Das Problem dabei: die meisten Libanesen halten ihr Guthaben in Dollar. Weil die Banken nun aber keine Dollar mehr haben, zahlen sie diese Guthaben nur noch in Lira aus. Zum offiziellen Wechselkurs, während der echte Wechselkurs und damit die Preise täglich in die Höhe schiessen. Hyperinflation zulasten der kleinen Sparer. «Man muss es so deutlich sagen: Die Leute werden beraubt. Die Kaufkraft schwindet täglich, die Menschen verarmen, und es ist nur logisch, dass sie die Initiative übernehmen und auf die Strasse gehen, um sich zu wehren!»

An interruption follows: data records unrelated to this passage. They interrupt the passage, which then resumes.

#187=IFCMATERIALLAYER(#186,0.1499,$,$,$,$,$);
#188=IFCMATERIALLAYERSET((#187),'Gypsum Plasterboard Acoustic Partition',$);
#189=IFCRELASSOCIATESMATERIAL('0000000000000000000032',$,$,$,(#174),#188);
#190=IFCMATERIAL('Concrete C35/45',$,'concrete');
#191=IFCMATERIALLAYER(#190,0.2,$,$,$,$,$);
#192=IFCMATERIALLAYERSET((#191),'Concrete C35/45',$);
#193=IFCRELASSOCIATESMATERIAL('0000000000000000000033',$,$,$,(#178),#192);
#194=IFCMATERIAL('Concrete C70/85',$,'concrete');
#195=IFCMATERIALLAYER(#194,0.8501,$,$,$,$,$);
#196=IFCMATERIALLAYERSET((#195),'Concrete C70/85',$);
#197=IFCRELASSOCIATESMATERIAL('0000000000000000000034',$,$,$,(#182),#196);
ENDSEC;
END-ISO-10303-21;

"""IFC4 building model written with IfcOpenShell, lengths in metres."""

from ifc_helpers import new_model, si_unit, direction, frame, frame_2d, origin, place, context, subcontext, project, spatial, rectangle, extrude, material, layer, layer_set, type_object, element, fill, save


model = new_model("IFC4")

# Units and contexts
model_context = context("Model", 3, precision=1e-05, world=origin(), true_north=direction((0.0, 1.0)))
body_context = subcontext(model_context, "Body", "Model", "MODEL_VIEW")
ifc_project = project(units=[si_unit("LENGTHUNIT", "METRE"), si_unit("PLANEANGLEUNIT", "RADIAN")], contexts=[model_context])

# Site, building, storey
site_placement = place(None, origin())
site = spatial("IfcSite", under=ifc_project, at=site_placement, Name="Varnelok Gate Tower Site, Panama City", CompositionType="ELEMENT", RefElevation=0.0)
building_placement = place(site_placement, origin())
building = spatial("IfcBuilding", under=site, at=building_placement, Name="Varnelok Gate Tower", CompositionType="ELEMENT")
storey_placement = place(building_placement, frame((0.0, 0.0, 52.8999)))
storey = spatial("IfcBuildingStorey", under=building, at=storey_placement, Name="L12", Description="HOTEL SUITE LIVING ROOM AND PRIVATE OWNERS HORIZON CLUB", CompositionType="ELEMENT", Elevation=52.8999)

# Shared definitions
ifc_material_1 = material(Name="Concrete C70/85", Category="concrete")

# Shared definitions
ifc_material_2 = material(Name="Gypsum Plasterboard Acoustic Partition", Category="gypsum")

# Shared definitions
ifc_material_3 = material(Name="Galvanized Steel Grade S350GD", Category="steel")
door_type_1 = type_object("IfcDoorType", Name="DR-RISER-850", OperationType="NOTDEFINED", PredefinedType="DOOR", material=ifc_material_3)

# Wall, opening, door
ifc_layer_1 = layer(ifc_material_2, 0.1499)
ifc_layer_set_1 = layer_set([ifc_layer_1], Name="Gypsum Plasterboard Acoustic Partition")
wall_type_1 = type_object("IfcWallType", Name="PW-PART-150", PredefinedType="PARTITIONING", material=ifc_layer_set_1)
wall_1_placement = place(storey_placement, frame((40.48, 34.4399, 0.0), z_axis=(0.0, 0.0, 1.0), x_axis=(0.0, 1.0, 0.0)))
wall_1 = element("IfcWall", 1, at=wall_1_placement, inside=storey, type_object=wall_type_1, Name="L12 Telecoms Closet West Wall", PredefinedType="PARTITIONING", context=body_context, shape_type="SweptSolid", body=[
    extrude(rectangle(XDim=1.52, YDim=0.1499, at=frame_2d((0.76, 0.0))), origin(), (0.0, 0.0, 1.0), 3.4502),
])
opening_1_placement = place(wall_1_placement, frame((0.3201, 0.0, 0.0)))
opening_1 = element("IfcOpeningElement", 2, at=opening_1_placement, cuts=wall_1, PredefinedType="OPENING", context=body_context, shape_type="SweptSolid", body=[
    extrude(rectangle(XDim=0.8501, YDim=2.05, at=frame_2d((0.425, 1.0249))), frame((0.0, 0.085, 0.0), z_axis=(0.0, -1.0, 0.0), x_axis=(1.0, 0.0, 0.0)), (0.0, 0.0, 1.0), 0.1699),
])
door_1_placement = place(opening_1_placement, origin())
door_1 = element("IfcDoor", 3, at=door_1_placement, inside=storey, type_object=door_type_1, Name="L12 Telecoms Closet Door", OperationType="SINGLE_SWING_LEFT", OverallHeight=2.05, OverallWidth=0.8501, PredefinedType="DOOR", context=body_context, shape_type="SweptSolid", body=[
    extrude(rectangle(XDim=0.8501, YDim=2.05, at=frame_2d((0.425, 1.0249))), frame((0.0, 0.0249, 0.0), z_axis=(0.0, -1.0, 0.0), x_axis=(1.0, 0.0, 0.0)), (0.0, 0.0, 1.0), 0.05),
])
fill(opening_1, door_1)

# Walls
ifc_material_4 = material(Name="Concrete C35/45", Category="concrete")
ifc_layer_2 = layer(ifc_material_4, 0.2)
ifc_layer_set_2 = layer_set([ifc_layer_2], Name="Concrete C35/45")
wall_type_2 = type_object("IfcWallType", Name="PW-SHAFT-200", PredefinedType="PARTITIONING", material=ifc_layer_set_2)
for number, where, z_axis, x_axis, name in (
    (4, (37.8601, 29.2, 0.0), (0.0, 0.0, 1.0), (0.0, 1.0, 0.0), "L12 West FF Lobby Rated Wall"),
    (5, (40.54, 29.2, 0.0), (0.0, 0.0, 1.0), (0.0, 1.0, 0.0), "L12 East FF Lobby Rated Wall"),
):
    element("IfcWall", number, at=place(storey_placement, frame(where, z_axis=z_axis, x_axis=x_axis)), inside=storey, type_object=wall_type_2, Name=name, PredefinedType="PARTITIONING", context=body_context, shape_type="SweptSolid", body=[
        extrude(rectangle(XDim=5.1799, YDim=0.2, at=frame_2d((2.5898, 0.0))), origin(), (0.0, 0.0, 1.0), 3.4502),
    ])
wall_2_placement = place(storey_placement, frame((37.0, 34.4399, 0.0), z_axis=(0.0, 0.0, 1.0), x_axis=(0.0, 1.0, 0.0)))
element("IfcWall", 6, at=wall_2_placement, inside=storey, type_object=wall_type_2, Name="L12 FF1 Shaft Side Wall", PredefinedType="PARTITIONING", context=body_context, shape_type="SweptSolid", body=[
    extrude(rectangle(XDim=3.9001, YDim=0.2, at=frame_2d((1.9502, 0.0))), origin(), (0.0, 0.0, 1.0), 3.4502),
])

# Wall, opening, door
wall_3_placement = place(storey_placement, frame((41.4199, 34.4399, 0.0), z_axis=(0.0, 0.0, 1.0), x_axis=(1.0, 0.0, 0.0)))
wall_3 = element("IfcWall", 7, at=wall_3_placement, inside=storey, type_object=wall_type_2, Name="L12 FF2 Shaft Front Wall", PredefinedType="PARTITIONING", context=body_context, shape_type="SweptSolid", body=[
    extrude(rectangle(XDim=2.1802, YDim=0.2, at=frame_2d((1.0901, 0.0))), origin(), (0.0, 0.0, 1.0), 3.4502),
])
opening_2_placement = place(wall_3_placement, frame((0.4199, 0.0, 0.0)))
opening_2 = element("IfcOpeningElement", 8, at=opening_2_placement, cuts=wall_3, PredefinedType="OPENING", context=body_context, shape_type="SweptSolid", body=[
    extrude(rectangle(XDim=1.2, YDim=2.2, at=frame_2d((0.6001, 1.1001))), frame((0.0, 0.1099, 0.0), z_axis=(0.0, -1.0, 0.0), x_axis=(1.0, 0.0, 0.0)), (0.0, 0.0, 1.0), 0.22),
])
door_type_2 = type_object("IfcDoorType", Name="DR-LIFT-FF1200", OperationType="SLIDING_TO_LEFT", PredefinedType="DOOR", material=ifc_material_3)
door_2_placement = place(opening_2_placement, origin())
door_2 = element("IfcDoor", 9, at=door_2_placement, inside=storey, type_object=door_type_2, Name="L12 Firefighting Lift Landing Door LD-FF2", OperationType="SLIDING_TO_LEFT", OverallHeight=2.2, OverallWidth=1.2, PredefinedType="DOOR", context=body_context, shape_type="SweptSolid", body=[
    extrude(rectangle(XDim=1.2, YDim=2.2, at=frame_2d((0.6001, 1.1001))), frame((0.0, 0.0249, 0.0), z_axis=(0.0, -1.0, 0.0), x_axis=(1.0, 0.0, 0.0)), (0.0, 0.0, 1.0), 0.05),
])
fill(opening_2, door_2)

Man muss es so deutlich sagen: Die Leute werden beraubt.
Autor: Sami Nader Ökonom und Direktor des Levant Institute für Strategische Angelegenheiten

Sami Nader ist Ökonom und Direktor des Levant Institute für Strategische Angelegenheiten. Für ihn ist klar, dass diese Proteste nur der Anfang sind einer neuen Welle der arabischen Aufstände. Und Nader befürchtet, dass diese jüngste Welle des arabischen Erwachens nicht mehr so friedlich sein wird, wie diejenige von letztem Herbst: «Ich fürchte, dass der Hunger die Leute gewalttätig werden lässt. Was willst Du zu einem Vater sagen, der kein Geld hat um seinem Neugeborenen Milchpulver zu kaufen? Er wird es sich irgendwoher holen.»

Wahl zwischen Essen oder einem Dach über dem Kopf

Jetzt zerstört das Coronavirus – oder vielmehr die Massnahmen gegen die Pandemie – die letzten Reste der libanesischen Wirtschaft. Mit einem Grossteil der Beschäftigten im informellen Sektor, leiden die Libanesen besonders stark unter der Schliessung von Restaurants und Kaffees, kleinen Werkstätten und Einmann-Handwerksbetrieben.

«Wenn Du ein Dach über dem Kopf haben willst, musst Du aufs Essen verzichten. Wenn Du essen willst, musst Du auf das Dach über dem Kopf verzichten. Du musst Dich entscheiden – beides kannst Du nicht haben.» Latifa schüttelt den Kopf. Früher nannten die Libanesen ihr Land die Schweiz des Nahen Ostens. Heute, so sagen sie, sei der Libanon das Venezuela des Nahen Ostens.